I’ve written about this before but it cannot hurt to re-emphasize just exactly what’s at stake tomorrow when we head into the voting booth — i.e., that tomorrow’s vote should be a referendum on President George W. Bush, Donald Rumsfeld, Iraq and the constitutional separation of powers. As The New York Times wrote on Sunday:
This election is indeed about George W. Bush — and the Congressional majority’s insistence on protecting him from the consequences of his mistakes and misdeeds. Mr. Bush lost the popular vote in 2000 and proceeded to govern as if he had an enormous mandate. After he actually beat his opponent in 2004, he announced he now had real political capital and intended to spend it. We have seen the results. It is frightening to contemplate the new excesses he could concoct if he woke up next Wednesday and found that his party had maintained its hold on the House and Senate.
I live in New Jersey, where the two sides have been waging a television war of attrition that seems designed to suppress the vote.
But it seems pretty clear to me that New Jersey voters should send Bob Menendez back to the Senate. Sen. Menendez, who spent a dozen years in the House of Representatives before being appointed by Gov. Jon Corzine in January to replace the new governor in the Senate, voted against the war authorization in 2003, when it was considered politically unpopular to do so, and has remained steadfast in his opposition to the disaster the president has created.
Just as importantly, he is a Democrat and the nation needs the Democrats to take over at least one house of Congress as the first step in a change of direction nationally. The nation can not afford to continue thumbing its nose at the international community and it literally cannot afford to subsidize the rich at the expense of the rest of us.
The Republican challenger, state Sen. Tom Kean Jr., has raised some valid questions about Sen. Menendez and the political culture of New Jersey.
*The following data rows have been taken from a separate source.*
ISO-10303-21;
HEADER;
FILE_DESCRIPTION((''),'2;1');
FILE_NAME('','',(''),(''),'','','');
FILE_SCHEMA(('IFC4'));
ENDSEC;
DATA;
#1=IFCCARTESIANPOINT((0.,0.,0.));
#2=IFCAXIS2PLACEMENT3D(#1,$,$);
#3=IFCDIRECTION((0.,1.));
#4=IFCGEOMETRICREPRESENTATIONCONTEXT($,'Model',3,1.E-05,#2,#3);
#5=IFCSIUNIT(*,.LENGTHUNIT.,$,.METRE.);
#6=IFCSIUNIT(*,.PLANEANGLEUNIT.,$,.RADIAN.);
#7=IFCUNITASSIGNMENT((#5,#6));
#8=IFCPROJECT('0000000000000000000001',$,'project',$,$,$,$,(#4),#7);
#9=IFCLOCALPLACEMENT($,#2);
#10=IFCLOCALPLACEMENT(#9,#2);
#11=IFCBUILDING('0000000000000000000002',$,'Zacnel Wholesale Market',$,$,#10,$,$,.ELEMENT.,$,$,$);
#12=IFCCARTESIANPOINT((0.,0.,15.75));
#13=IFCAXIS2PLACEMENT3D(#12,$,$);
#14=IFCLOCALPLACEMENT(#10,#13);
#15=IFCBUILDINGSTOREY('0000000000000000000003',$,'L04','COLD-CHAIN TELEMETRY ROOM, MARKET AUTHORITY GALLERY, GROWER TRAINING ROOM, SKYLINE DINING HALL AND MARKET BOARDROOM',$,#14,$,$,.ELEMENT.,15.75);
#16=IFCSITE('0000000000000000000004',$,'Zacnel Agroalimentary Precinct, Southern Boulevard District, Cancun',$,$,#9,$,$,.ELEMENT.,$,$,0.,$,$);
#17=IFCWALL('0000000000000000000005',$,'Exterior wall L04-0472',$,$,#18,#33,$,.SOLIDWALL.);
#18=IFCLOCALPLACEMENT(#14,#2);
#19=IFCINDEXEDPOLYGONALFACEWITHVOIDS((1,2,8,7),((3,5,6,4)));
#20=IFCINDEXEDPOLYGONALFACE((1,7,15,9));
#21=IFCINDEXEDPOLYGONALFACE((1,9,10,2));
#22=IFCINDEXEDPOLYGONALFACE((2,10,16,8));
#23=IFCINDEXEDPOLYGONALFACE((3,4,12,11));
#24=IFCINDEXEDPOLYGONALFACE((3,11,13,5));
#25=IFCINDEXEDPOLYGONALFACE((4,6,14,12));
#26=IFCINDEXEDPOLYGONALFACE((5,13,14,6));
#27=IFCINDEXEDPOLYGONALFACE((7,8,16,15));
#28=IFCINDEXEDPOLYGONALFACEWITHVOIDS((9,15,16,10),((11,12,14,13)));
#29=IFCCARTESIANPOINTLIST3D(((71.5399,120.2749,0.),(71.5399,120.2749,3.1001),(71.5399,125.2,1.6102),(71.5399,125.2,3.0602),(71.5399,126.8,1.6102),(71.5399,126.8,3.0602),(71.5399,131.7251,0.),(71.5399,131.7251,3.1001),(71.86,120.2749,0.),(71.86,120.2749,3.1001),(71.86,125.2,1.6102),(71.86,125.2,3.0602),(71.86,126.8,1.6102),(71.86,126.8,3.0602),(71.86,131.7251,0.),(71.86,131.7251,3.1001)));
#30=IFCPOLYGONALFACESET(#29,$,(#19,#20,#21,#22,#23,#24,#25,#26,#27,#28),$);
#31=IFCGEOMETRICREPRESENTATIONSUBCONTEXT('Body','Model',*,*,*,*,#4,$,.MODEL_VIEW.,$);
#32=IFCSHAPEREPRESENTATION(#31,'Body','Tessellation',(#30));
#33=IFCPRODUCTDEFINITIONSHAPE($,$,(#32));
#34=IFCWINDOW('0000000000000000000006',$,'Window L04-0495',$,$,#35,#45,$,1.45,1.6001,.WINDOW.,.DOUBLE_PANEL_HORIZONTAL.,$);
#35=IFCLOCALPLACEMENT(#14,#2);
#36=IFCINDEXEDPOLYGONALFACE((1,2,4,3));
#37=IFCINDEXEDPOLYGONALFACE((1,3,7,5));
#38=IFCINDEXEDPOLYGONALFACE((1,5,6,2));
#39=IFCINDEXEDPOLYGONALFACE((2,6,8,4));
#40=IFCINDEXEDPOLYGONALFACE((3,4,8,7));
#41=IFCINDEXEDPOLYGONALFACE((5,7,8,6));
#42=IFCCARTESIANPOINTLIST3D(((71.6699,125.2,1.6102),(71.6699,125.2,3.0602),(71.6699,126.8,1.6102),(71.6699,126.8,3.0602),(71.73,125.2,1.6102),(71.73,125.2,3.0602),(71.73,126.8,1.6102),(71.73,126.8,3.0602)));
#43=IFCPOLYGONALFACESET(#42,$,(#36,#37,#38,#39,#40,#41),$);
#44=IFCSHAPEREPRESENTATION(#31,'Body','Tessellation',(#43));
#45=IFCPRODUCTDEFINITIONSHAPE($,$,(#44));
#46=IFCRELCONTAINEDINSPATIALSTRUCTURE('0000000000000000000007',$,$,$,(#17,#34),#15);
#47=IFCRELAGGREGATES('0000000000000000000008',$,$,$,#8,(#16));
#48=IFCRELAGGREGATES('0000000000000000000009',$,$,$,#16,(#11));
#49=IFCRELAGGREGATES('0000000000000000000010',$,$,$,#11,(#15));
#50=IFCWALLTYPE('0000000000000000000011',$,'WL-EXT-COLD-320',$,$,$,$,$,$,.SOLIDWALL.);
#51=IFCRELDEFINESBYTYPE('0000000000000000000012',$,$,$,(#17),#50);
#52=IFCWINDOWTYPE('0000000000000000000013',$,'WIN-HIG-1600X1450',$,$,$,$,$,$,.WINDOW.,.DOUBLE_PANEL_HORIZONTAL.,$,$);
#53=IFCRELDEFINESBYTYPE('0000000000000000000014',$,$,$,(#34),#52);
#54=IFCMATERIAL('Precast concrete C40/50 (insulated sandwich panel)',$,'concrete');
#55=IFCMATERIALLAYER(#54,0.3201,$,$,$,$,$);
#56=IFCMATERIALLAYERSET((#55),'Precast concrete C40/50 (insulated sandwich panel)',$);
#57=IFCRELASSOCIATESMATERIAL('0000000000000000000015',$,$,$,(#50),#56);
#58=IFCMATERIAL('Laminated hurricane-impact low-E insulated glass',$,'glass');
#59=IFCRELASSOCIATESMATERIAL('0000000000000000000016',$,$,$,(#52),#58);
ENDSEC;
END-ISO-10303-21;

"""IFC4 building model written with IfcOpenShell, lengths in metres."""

from ifc_helpers import new_model, si_unit, direction, frame, frame_2d, origin, place, context, subcontext, project, spatial, rectangle, extrude, material, layer, layer_set, type_object, element, fill, save


model = new_model("IFC4")

# Units and contexts
model_context = context("Model", 3, precision=1e-05, world=origin(), true_north=direction((0.0, 1.0)))
body_context = subcontext(model_context, "Body", "Model", "MODEL_VIEW")
ifc_project = project(units=[si_unit("LENGTHUNIT", "METRE"), si_unit("PLANEANGLEUNIT", "RADIAN")], contexts=[model_context])

# Site, building, storey
site_placement = place(None, origin())
site = spatial("IfcSite", under=ifc_project, at=site_placement, Name="Zacnel Agroalimentary Precinct, Southern Boulevard District, Cancun", CompositionType="ELEMENT", RefElevation=0.0)
building_placement = place(site_placement, origin())
building = spatial("IfcBuilding", under=site, at=building_placement, Name="Zacnel Wholesale Market", CompositionType="ELEMENT")
storey_placement = place(building_placement, frame((0.0, 0.0, 15.75)))
storey = spatial("IfcBuildingStorey", under=building, at=storey_placement, Name="L04", Description="COLD-CHAIN TELEMETRY ROOM, MARKET AUTHORITY GALLERY, GROWER TRAINING ROOM, SKYLINE DINING HALL AND MARKET BOARDROOM", CompositionType="ELEMENT", Elevation=15.75)

# Shared definitions
ifc_material_1 = material(Name="Precast concrete C40/50 (insulated sandwich panel)", Category="concrete")
ifc_layer = layer(ifc_material_1, 0.3201)
ifc_layer_set = layer_set([ifc_layer], Name="Precast concrete C40/50 (insulated sandwich panel)")
wall_type = type_object("IfcWallType", Name="WL-EXT-COLD-320", PredefinedType="SOLIDWALL", material=ifc_layer_set)
ifc_material_2 = material(Name="Laminated hurricane-impact low-E insulated glass", Category="glass")
window_type = type_object("IfcWindowType", Name="WIN-HIG-1600X1450", PartitioningType="DOUBLE_PANEL_HORIZONTAL", PredefinedType="WINDOW", material=ifc_material_2)

# Wall, opening, window
wall_1_placement = place(storey_placement, frame((71.7, 120.2749, 0.0), z_axis=(0.0, 0.0, 1.0), x_axis=(0.0, 1.0, 0.0)))
wall_1 = element("IfcWall", 1, at=wall_1_placement, inside=storey, type_object=wall_type, Name="Exterior wall L04-0472", PredefinedType="SOLIDWALL", context=body_context, shape_type="SweptSolid", body=[
    extrude(rectangle(XDim=11.4502, YDim=0.3201, at=frame_2d((5.7251, 0.0))), origin(), (0.0, 0.0, 1.0), 3.1001),
])
opening_1_placement = place(wall_1_placement, frame((4.925, 0.0, 1.6101)))
opening_1 = element("IfcOpeningElement", 2, at=opening_1_placement, cuts=wall_1, PredefinedType="OPENING", context=body_context, shape_type="SweptSolid", body=[
    extrude(rectangle(XDim=1.6001, YDim=1.45, at=frame_2d((0.8, 0.7251))), frame((0.0, 0.1699, 0.0), z_axis=(0.0, -1.0, 0.0), x_axis=(1.0, 0.0, 0.0)), (0.0, 0.0, 1.0), 0.3401),
])
window_1_placement = place(opening_1_placement, origin())
window_1 = element("IfcWindow", 3, at=window_1_placement, inside=storey, type_object=window_type, Name="Window L04-0495", OverallHeight=1.45, OverallWidth=1.6001, PartitioningType="DOUBLE_PANEL_HORIZONTAL", PredefinedType="WINDOW", context=body_context, shape_type="SweptSolid", body=[
    extrude(rectangle(XDim=1.6001, YDim=1.45, at=frame_2d((0.8, 0.7251))), frame((0.0, 0.03, 0.0), z_axis=(0.0, -1.0, 0.0), x_axis=(1.0, 0.0, 0.0)), (0.0, 0.0, 1.0), 0.0601),
])
fill(opening_1, window_1)

save(model, "model.ifc")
But he has ran a harshly negative campaign that left me wondering what kind of lines he would cross were he elected.
More significantly, he has failed to answer questions about his past stance on Social Securitprivatizationon and remains steadfast in support of the war (though he would toss Donald Rumsfeld overboard). And while he paints himself as a moderate, he is likely to side with his party’s leadership, leaving the same bunch of right-wingers in charge of tax, military and environmental policy — the same bunch that has made such a mess in the first place.
So while he may think of himself as an independent actor, the reality is that he cannot be — there cannot be independent actors in Washington these days.
So I’ll vote for Bob Menendez and hope the rest of the nation follows suit and boots the GOP from its majority status.
That said, I have my doubts that this will happen (even if Dick Morris and Eileen McGann say so). There are a lot of people who want to see the GOP dumped, but not their own GOP Congressman — plus there is the unfortunate tendency of national Democrats to turn strength to weakness. My fear is that the Democrats will come close, but fail to capture either House, and that it will be spun as a Democratic loss, giving the national media cause to minimize what the party actually may end up accomplishing.
So vote early and vote often. It is your patriotic duty.